The hosts played it up, asking the kids to help them rid the net of the animated pestilence, and soon thousands of e-mails were pouring in with suggestions. ‘It was a really interactive idea,’ continues Schaefer. ‘It finally ended up with the story finishing via a comic on the Web site.’

But the net took the idea a step further. ‘I remember the week that the Yokomites were invading,’ says Schaefer, as she might about a termite problem at home. ‘Some kids were coming in for a tour. So we had individuals from our creative department dress up like mad scientist exterminators, and they joined the kids in the hallway for the tour, and signs were put up saying ‘Quarantined Area’ and there was yellow caution tape. So it was really bringing the idea to life for the kids.’
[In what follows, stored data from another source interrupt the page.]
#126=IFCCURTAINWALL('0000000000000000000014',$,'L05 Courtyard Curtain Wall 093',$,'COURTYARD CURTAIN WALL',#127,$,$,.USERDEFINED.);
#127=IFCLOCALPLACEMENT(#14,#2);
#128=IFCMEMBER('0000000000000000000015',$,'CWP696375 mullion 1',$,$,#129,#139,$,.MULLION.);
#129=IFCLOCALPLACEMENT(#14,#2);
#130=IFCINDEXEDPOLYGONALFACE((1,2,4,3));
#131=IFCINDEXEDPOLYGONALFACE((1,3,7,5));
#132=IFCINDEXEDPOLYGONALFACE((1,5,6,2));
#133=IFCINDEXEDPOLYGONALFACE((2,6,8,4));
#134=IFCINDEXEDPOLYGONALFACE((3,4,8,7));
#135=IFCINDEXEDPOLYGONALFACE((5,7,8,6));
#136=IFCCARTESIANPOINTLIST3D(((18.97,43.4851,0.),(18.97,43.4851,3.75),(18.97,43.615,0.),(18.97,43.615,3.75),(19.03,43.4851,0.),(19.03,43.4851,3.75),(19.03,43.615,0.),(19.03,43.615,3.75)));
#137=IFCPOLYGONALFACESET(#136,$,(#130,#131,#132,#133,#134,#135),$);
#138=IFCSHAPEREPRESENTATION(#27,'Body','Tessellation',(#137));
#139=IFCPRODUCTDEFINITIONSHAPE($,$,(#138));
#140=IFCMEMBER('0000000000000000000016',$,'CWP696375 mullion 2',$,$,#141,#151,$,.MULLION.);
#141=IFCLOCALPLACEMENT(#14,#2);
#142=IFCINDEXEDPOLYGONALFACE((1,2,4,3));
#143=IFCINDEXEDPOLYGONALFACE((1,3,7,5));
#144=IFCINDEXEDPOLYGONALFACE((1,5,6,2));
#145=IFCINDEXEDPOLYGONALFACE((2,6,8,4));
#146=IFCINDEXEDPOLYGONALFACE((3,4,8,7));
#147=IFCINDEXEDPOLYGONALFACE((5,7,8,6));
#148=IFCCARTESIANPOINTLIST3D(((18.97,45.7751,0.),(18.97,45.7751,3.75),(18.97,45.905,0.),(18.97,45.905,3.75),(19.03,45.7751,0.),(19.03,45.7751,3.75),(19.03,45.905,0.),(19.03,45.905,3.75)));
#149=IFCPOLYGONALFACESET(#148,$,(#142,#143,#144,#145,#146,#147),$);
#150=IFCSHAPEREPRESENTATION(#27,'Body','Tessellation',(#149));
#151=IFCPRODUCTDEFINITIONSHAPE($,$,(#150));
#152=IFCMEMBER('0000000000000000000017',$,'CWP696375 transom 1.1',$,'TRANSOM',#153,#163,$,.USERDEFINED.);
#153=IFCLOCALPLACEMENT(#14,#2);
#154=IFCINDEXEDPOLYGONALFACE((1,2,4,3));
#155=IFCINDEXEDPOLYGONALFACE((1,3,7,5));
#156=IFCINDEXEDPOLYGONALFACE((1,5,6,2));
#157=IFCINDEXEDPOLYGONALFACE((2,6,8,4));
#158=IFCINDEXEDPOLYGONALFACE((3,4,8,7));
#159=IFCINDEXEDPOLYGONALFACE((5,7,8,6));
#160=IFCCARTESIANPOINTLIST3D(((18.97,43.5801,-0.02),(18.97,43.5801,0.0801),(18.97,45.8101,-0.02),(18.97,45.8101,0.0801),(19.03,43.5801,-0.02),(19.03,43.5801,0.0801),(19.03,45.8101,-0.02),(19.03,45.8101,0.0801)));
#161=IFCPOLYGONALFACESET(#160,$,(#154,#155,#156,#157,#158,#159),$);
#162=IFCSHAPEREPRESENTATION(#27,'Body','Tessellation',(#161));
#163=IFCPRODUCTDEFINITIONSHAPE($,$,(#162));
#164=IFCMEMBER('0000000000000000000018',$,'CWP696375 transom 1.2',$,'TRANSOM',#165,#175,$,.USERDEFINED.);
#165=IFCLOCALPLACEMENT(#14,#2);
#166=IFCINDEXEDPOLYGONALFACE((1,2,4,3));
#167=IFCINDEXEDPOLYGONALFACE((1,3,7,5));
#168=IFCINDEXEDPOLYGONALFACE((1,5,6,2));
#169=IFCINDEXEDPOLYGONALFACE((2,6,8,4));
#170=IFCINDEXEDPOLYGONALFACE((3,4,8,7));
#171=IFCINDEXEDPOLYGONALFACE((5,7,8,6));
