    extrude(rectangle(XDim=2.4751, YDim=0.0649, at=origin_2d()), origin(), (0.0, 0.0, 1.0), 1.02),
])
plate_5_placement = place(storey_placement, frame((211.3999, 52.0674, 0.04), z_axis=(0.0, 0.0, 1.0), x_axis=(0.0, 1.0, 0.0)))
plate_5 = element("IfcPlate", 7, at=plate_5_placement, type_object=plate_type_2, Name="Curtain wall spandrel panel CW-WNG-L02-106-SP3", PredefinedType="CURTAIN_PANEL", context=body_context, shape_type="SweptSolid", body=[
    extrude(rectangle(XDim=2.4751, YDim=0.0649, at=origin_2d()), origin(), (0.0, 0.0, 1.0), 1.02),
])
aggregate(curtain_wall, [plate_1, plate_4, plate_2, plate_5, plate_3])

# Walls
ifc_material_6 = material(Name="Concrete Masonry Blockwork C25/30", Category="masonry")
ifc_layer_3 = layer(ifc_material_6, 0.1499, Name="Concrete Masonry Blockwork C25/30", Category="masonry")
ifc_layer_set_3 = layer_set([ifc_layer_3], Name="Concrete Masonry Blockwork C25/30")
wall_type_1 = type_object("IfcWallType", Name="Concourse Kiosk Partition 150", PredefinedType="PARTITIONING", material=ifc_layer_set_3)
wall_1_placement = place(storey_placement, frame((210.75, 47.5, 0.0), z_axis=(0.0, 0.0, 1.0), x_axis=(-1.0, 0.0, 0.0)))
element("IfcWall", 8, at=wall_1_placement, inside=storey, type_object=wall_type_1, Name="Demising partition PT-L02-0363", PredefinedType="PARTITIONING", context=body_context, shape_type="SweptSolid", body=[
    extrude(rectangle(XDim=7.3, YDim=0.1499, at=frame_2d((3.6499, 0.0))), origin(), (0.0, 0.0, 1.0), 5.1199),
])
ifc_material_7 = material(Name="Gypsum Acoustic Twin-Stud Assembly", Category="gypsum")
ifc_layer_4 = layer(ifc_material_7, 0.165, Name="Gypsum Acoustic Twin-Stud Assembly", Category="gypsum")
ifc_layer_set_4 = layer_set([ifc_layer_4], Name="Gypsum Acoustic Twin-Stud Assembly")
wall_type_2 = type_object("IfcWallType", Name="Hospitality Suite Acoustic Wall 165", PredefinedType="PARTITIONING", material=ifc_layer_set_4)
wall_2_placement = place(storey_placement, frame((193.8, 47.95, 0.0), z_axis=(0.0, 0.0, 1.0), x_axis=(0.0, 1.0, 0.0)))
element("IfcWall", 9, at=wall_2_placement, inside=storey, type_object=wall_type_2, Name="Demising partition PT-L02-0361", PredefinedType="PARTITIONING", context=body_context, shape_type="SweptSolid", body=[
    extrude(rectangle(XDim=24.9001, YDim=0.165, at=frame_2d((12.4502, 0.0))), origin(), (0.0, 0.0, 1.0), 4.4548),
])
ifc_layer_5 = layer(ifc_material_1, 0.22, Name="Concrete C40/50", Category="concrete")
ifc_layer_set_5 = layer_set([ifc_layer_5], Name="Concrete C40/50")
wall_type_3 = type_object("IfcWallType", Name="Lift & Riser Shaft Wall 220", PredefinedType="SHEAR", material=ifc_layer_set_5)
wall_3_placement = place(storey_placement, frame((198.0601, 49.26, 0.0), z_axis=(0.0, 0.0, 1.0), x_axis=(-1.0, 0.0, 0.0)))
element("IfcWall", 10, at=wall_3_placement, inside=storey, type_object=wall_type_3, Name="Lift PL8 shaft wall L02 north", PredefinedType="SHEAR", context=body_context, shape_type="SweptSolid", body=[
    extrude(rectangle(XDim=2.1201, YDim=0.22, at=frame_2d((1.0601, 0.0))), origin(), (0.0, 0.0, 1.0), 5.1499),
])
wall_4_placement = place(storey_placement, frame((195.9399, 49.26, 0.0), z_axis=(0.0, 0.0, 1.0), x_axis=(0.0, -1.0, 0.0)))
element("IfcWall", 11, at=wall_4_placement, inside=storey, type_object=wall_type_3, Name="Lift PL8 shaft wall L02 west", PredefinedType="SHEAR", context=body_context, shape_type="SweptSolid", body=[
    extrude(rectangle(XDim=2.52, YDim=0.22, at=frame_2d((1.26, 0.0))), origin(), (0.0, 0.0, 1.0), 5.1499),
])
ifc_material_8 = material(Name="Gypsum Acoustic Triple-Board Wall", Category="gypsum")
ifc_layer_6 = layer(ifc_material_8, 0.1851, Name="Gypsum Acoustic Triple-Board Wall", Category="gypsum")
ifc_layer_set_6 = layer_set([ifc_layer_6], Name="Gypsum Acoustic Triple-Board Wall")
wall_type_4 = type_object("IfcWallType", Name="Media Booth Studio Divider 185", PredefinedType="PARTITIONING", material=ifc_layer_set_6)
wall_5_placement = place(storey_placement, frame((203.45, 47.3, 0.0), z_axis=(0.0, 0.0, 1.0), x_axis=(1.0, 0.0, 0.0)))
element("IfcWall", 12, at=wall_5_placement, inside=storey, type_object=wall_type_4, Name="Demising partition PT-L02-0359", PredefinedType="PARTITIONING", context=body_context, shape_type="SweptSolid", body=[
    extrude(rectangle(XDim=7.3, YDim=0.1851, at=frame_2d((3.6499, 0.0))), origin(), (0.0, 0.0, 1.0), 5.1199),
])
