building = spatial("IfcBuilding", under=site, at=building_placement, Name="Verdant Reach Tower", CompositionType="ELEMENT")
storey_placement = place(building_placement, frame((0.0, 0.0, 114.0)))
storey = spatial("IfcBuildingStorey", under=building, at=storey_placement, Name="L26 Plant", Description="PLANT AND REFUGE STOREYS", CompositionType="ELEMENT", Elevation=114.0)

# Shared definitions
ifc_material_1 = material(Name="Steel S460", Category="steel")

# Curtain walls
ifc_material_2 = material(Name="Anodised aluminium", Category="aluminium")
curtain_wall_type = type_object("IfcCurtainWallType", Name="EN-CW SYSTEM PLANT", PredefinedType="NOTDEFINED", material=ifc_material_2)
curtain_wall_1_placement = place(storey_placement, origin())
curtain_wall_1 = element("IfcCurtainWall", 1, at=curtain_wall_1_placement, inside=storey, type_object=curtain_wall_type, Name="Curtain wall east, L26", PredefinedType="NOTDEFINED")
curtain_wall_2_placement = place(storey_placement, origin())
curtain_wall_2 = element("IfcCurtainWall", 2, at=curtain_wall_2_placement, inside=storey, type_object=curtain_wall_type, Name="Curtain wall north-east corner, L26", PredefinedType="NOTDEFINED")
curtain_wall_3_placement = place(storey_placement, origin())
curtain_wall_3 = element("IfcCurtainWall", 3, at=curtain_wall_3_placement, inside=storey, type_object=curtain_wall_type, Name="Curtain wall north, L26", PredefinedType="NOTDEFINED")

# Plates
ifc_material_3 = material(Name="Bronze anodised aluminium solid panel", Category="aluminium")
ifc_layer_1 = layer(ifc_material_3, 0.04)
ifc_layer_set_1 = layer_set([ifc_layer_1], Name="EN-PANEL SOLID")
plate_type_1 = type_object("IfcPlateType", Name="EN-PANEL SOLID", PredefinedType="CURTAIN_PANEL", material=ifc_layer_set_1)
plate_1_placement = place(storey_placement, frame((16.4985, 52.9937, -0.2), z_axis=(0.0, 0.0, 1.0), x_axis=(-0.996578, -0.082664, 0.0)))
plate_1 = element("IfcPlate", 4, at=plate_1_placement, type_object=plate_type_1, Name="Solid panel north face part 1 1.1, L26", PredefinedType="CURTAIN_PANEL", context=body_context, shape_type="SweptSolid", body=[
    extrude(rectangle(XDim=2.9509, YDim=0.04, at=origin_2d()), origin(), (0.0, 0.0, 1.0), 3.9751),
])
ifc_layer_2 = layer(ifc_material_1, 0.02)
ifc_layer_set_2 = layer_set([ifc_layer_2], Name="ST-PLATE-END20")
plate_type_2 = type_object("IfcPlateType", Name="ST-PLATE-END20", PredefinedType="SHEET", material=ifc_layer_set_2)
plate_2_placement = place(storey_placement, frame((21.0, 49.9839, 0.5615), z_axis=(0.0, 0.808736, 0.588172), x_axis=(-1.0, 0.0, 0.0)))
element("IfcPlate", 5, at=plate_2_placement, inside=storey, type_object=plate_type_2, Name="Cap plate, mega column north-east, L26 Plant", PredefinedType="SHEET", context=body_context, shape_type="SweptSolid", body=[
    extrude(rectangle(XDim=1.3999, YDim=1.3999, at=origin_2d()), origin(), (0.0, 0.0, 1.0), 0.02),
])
It’s hard to imagine any other net going to such lengths to make a fantasy come to life for its viewers, except for perhaps MuchMusic, which Valiquette points to as another leader in marketing to youth. The two nets also share a willingness to experiment, and both seem set on spinning off as many brand extensions as they can. But Valiquette says that both nets largely also understand the need to take things one step at a time.

‘At the beginning, when you’re YTV, you’re just importing TV shows, and if you import shows that people want to see, then they’ll tune in. But eventually YTV ends up standing for good youth programming, so it can start building its own shows,’ says Valiquette

He suggests that the recent failure of the evening branded block for teens, ‘Limbo,’ can be attributed to YTV not following its own secret to success. In other words, the net should have focused more on the programming to begin with, leaving the branding until an audience was already in place. Luckily, YTV seems to have realized this.

‘Branding to teens is a really tough thing,’ says Schaefer. ‘It’s really hard to capture that group and we really believe that what we’ve got to do is just offer up some shows that teens will love, like Buffy. That’s the approach we’re now taking with teens.’

Pulling in teens is just one of several goals the network has its eye on for the coming months and years. While maintaining a disciplined focus on the net’s core six to 12 demo, Schaefer says the YTV will be introducing some changes this fall, including tweaking the weekend block and the Web site. After school block ‘The Zone’ has already been refreshed through the addition of host Sugar. Formerly heard on Toronto radio station Kiss 92, Sugar’s squeaky voice and four-foot figure have already won kids over, as attested to by over 7,000 fan e-mails.

Other areas YTV will likely explore include more brand extensions, which the net will move into ‘cautiously,’ interactive TV, and a radio station (YTV has already applied once for a license, unsuccessfully). Some day, the net may even take another crack at consumer products (YTV inked a deal with Hasbro for some puppets, plush and a board game a couple of years ago, but the products have since been discontinued).

‘As far as products and licensing go,’ says Schaefer, ‘you need the big properties, you need the shows to be able to do that. So we’re continuing to create Canadian shows, but we’re not going to extend any into licensing until we think we have a property we think will make it.’

Even then, the net wouldn’t go it alone: Schaefer notes that Corus’ recent acquisition of Nelvana brings some ready-made licensing expertise into the fold. ‘It’s great to have them as a sister company,’ she says, ‘because that’s a strength that they can focus on, more than us.’